LTC6253 - GBP 720MHz, but gain of 10 = BW of ~35MHz??


I am trying to design a circuit to achieve a gain of 10 for input signals up to 50MHz. I have looked at LTC6253 as a possibility, since it has quite a large GBP of 720MHz. If my understanding is correct, for a gain of 10, it should handle up to 720/10 = 72MHz

I have done a simulation on LTSpice, of non-inverting op-amp with a gain of 10 but it shows that the bandwidth would end up being around 35Mhz.... See screenshot below. 

The datasheet recommends to use a capacitor in the feedback loop to compensate stray capacitances (C1 in my simulation). Through trial and error I have found this to be around 0.5pF.

It seems there are other parameters I need to consider when selecting my op-amp for this application. Does anyone have any suggestions as to what causes a reduction in effective bandwidth vs what I would have expected from the GBP?
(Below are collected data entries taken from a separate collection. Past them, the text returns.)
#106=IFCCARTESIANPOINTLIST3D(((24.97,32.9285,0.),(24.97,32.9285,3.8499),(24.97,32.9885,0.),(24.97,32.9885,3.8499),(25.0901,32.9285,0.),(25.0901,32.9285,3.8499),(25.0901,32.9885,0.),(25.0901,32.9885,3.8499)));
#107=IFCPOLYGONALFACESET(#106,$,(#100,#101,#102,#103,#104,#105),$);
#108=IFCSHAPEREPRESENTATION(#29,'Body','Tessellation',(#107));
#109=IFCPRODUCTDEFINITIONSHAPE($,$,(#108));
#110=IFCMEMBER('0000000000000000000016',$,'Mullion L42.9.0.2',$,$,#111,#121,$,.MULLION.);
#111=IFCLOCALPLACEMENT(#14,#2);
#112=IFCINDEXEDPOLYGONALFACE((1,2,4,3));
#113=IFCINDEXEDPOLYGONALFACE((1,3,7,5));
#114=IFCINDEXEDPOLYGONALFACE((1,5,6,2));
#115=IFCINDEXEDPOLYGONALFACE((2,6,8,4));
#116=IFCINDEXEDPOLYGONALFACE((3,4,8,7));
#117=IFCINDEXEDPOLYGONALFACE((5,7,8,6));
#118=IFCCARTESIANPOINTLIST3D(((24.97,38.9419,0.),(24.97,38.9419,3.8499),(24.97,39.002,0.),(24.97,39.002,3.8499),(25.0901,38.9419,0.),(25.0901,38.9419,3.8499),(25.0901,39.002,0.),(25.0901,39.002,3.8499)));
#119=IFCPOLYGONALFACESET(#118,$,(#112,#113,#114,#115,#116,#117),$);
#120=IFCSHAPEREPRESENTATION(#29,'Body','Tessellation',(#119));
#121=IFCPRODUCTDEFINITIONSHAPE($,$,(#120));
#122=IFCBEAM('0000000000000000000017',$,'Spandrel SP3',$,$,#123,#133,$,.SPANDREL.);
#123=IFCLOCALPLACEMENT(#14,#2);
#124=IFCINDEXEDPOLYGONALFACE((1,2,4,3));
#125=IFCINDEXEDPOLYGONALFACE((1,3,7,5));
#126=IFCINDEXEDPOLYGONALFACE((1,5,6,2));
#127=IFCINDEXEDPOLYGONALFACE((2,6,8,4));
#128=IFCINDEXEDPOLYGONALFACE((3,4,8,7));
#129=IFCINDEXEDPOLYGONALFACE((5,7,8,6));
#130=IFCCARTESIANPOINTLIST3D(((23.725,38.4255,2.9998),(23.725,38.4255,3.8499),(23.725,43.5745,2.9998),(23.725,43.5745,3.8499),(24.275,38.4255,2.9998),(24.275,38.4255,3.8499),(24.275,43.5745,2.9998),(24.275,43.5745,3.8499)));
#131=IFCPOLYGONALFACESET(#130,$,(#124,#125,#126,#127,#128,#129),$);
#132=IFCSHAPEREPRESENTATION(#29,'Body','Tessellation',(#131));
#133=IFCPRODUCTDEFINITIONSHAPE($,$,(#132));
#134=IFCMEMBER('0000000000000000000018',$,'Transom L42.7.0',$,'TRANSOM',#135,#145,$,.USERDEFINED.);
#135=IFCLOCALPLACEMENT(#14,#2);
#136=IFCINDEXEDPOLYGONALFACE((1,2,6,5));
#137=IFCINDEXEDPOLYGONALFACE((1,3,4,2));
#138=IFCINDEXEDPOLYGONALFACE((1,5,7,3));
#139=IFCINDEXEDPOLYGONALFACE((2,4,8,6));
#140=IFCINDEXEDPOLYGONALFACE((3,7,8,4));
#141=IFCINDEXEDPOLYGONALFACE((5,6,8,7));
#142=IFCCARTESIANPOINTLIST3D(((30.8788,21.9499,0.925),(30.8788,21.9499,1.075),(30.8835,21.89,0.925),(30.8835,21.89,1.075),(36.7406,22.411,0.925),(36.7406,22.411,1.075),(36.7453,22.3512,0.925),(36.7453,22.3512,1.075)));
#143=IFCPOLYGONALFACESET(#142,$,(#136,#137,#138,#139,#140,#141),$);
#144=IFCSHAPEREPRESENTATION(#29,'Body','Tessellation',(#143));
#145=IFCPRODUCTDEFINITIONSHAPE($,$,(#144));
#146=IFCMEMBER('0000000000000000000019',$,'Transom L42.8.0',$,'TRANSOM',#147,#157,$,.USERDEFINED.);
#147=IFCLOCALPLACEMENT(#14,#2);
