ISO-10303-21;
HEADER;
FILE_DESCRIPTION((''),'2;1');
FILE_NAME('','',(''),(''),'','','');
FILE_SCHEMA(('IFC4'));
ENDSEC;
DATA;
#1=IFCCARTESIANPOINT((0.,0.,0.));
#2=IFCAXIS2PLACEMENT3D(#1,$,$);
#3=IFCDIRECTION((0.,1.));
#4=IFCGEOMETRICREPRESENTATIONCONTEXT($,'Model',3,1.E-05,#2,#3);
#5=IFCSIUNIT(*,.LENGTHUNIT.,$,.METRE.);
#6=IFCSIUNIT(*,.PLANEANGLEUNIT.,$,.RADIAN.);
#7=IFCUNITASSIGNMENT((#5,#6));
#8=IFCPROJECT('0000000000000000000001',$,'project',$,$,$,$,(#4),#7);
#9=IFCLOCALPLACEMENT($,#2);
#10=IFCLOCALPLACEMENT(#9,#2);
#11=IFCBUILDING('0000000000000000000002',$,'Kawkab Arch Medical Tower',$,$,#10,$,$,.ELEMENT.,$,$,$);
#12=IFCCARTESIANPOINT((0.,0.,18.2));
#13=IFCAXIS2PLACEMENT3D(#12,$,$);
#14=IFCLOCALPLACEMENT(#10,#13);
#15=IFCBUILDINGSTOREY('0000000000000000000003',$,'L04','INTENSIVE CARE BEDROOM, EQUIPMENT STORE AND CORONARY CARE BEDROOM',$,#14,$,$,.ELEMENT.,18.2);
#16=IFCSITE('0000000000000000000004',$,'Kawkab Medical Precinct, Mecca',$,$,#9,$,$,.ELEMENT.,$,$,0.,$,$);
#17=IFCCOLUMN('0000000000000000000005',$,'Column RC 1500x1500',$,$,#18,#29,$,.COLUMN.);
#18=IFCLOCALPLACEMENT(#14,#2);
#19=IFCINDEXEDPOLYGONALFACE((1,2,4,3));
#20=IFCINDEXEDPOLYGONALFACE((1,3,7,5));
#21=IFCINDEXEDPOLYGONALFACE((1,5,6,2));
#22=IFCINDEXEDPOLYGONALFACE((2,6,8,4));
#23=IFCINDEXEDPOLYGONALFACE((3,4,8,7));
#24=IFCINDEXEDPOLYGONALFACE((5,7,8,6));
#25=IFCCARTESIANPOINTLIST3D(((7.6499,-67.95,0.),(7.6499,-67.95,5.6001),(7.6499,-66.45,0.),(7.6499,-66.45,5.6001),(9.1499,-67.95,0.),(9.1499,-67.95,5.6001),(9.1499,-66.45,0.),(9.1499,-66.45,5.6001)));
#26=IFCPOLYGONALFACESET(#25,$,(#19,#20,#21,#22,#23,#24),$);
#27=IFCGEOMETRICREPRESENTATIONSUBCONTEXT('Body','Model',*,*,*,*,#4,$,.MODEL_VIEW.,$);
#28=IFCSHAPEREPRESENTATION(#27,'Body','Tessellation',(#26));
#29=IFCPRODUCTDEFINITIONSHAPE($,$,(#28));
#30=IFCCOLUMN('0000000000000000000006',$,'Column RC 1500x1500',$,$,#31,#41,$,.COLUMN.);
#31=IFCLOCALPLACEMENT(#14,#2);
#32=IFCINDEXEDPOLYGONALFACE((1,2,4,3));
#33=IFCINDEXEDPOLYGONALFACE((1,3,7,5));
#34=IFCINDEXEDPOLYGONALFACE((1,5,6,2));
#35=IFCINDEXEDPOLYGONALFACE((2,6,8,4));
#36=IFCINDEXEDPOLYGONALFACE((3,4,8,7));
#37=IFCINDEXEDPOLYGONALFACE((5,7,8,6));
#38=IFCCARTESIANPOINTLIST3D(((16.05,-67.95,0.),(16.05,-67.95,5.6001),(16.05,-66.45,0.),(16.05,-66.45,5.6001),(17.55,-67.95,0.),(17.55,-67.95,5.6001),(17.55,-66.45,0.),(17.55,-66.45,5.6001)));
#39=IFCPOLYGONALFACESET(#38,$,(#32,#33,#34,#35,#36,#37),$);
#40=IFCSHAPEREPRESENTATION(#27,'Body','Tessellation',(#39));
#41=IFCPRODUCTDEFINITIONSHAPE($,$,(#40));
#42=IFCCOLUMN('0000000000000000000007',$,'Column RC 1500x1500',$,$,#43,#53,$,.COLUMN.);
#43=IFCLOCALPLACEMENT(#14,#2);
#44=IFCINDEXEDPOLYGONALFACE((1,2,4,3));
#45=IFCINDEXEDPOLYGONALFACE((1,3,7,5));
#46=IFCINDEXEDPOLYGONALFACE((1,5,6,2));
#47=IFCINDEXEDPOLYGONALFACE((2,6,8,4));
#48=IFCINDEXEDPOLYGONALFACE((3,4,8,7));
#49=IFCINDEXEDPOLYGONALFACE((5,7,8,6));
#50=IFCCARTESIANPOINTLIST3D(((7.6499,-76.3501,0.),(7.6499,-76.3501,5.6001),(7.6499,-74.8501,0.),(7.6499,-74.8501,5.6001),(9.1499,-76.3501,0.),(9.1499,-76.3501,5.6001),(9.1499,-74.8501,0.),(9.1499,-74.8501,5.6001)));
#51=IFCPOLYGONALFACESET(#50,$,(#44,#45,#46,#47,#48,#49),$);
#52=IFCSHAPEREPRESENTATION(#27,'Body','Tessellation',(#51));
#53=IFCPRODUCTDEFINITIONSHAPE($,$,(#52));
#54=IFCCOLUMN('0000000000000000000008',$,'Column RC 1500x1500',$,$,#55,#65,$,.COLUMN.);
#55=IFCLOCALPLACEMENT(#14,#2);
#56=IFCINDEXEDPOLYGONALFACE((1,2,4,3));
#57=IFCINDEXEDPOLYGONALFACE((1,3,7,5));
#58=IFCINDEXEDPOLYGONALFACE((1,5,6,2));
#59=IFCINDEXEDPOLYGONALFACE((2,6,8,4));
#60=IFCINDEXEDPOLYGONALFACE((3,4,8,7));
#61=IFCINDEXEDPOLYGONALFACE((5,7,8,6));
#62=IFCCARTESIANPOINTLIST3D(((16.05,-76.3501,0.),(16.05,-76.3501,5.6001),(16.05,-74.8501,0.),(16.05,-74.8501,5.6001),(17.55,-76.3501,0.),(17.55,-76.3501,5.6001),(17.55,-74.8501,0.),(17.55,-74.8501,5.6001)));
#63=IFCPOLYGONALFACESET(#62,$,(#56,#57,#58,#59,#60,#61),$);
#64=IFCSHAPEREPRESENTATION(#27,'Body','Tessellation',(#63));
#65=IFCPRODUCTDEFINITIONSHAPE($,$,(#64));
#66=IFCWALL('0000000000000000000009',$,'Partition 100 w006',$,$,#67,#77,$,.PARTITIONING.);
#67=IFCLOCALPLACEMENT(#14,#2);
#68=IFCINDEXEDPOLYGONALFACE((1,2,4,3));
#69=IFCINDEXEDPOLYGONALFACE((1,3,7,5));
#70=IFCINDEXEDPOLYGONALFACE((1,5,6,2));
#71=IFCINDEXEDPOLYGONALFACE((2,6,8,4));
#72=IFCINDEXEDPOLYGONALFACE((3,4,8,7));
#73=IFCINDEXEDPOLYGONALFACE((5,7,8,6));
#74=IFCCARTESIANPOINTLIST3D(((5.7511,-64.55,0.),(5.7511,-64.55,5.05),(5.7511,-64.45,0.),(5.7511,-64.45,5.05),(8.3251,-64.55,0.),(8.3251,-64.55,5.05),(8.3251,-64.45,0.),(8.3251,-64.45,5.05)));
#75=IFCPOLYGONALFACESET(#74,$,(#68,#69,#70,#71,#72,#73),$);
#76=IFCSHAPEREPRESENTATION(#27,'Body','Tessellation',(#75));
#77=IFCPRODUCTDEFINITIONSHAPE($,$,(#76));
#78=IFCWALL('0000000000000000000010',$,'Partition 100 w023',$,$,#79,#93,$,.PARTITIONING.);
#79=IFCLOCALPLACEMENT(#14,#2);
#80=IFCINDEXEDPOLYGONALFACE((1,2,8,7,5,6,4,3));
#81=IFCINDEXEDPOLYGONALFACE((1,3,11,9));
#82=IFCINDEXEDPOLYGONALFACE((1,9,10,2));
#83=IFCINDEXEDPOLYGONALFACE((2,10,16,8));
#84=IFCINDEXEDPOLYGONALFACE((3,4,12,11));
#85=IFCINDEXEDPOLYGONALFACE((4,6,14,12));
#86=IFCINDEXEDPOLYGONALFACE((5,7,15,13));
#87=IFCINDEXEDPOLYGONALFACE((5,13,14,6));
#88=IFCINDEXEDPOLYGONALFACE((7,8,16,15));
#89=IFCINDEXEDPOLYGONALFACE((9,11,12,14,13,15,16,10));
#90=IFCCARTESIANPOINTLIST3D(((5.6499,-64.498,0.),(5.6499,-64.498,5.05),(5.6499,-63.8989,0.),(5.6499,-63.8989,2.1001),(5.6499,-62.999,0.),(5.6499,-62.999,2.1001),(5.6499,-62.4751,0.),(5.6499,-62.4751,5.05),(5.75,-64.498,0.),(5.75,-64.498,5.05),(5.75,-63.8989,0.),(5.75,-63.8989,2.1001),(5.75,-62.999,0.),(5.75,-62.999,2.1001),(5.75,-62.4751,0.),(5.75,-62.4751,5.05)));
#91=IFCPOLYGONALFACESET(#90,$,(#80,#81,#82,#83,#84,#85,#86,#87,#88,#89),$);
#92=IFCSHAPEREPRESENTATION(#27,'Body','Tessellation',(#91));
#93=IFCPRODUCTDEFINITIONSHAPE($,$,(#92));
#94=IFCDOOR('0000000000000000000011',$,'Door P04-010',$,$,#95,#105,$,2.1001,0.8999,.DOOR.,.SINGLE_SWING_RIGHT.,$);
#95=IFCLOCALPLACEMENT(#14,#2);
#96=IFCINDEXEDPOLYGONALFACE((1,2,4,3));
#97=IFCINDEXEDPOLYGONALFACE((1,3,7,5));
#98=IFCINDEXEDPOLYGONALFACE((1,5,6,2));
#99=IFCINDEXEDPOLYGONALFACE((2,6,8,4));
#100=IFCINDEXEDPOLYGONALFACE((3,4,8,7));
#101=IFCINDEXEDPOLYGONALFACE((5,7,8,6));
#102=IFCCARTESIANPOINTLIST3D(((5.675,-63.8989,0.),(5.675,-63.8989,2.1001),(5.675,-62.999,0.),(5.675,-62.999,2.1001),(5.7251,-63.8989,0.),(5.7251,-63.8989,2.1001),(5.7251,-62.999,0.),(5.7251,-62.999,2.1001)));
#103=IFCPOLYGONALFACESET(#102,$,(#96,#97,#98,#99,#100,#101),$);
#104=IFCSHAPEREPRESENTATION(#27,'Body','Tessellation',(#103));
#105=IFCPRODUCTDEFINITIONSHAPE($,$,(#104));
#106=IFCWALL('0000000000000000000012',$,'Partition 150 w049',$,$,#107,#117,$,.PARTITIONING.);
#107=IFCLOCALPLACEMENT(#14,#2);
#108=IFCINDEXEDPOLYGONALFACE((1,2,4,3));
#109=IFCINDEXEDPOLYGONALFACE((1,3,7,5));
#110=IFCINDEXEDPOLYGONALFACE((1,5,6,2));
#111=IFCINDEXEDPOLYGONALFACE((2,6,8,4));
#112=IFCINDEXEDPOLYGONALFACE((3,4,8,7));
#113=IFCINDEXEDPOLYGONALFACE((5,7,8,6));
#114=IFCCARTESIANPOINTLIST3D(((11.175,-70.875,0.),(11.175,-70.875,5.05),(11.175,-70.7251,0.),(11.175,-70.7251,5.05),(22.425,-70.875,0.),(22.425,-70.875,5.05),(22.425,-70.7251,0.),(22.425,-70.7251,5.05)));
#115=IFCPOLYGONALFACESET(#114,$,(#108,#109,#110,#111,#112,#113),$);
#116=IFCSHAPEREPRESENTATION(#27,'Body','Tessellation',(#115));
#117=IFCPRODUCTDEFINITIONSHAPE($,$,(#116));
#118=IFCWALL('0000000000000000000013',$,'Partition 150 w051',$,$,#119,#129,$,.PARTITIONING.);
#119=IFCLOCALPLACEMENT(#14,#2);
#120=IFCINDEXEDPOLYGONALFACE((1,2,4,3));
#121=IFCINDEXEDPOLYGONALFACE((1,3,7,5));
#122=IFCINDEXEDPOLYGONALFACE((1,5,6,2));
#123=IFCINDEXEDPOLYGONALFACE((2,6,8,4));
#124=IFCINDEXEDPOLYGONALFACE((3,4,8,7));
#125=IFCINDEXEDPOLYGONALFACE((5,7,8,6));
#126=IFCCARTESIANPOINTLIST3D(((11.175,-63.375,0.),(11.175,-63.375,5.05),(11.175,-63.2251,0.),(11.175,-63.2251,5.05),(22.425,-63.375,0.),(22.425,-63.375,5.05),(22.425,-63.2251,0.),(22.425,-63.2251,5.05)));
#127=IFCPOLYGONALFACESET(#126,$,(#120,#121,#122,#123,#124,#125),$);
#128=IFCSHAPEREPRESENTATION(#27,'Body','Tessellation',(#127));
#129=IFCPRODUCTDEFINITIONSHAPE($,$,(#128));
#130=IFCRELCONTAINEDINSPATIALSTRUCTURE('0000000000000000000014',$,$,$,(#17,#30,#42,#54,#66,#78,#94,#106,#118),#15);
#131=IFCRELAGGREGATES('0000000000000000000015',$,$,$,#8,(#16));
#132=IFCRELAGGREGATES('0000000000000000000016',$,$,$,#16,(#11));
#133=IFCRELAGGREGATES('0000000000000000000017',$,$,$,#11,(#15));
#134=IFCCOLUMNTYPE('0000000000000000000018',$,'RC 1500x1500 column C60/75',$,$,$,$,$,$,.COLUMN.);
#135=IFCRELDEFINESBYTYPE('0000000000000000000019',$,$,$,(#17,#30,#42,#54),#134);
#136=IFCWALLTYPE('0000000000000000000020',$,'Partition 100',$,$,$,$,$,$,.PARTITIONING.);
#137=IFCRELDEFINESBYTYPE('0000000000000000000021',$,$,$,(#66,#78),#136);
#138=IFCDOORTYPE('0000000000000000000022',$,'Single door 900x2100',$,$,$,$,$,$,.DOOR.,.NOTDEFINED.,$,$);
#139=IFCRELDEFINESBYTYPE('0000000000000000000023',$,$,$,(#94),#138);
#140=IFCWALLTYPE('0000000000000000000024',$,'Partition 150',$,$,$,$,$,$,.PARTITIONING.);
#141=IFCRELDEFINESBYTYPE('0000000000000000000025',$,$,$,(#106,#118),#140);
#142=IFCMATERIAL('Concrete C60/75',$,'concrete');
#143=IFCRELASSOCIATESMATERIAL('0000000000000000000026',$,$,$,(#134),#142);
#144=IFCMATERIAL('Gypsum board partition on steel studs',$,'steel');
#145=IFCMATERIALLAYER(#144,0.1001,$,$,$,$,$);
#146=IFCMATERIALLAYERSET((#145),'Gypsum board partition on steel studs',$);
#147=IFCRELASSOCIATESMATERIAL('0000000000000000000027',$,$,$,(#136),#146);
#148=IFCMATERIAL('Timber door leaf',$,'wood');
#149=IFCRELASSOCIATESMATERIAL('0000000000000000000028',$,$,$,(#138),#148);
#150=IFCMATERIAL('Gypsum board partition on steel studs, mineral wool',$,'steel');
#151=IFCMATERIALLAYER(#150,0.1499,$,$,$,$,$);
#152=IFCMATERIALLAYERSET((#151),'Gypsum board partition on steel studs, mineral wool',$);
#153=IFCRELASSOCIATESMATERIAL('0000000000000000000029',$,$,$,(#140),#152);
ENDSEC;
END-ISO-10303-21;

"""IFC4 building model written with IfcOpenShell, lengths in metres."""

from ifc_helpers import new_model, si_unit, direction, frame, frame_2d, origin, origin_2d, place, context, subcontext, project, spatial, rectangle, extrude, material, layer, layer_set, material_profile, profile_set, type_object, element, fill, save


model = new_model("IFC4")

# Units and contexts
model_context = context("Model", 3, precision=1e-05, world=origin(), true_north=direction((0.0, 1.0)))
body_context = subcontext(model_context, "Body", "Model", "MODEL_VIEW")
ifc_project = project(units=[si_unit("LENGTHUNIT", "METRE"), si_unit("PLANEANGLEUNIT", "RADIAN")], contexts=[model_context])

# Site, building, storey
site_placement = place(None, origin())
site = spatial("IfcSite", under=ifc_project, at=site_placement, Name="Kawkab Medical Precinct, Mecca", CompositionType="ELEMENT", RefElevation=0.0)
building_placement = place(site_placement, origin())
building = spatial("IfcBuilding", under=site, at=building_placement, Name="Kawkab Arch Medical Tower", CompositionType="ELEMENT")
storey_placement = place(building_placement, frame((0.0, 0.0, 18.2)))
storey = spatial("IfcBuildingStorey", under=building, at=storey_placement, Name="L04", Description="INTENSIVE CARE BEDROOM, EQUIPMENT STORE AND CORONARY CARE BEDROOM", CompositionType="ELEMENT", Elevation=18.2)

# Columns
ifc_material_1 = material(Name="Concrete C60/75", Category="concrete")
ifc_material_profile = material_profile(ifc_material_1, rectangle(XDim=1.5, YDim=1.5, at=origin_2d()), Name="RC 1500x1500")
ifc_profile_set = profile_set([ifc_material_profile], Name="Concrete C60/75")
column_type = type_object("IfcColumnType", Name="RC 1500x1500 column C60/75", PredefinedType="COLUMN", material=ifc_profile_set)
for number, where, z_axis, x_axis, name in (
    (1, (8.3999, -67.2, 0.0), (0.0, 0.0, 1.0), (1.0, 0.0, 0.0), "Column RC 1500x1500"),
    (2, (16.8, -67.2, 0.0), (0.0, 0.0, 1.0), (1.0, 0.0, 0.0), "Column RC 1500x1500"),
    (3, (8.3999, -75.6001, 0.0), (0.0, 0.0, 1.0), (1.0, 0.0, 0.0), "Column RC 1500x1500"),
  • Hi Qbort:  The 2GHz spec is the gain-bandwidth-product.  It is the product of gain and frequency at a relatively low frequency.   In this case, the GBW product was specified at 10MHz, and indicates a typical gain of 200 (46dB) there. 

    In a gain of 10, consulting the Gain-Phase curve, you should expect a bandwidth of about 85MHz (on a 5V supply, less on a 3V supply).  I suspect the problem is that your resistor values are too high, so you are up against the feedback pole and necessary compensation.  I suggest you try again with resistor values of 200:450 instead of the 1k:9k, and you should be able to get significantly higher bandwidth.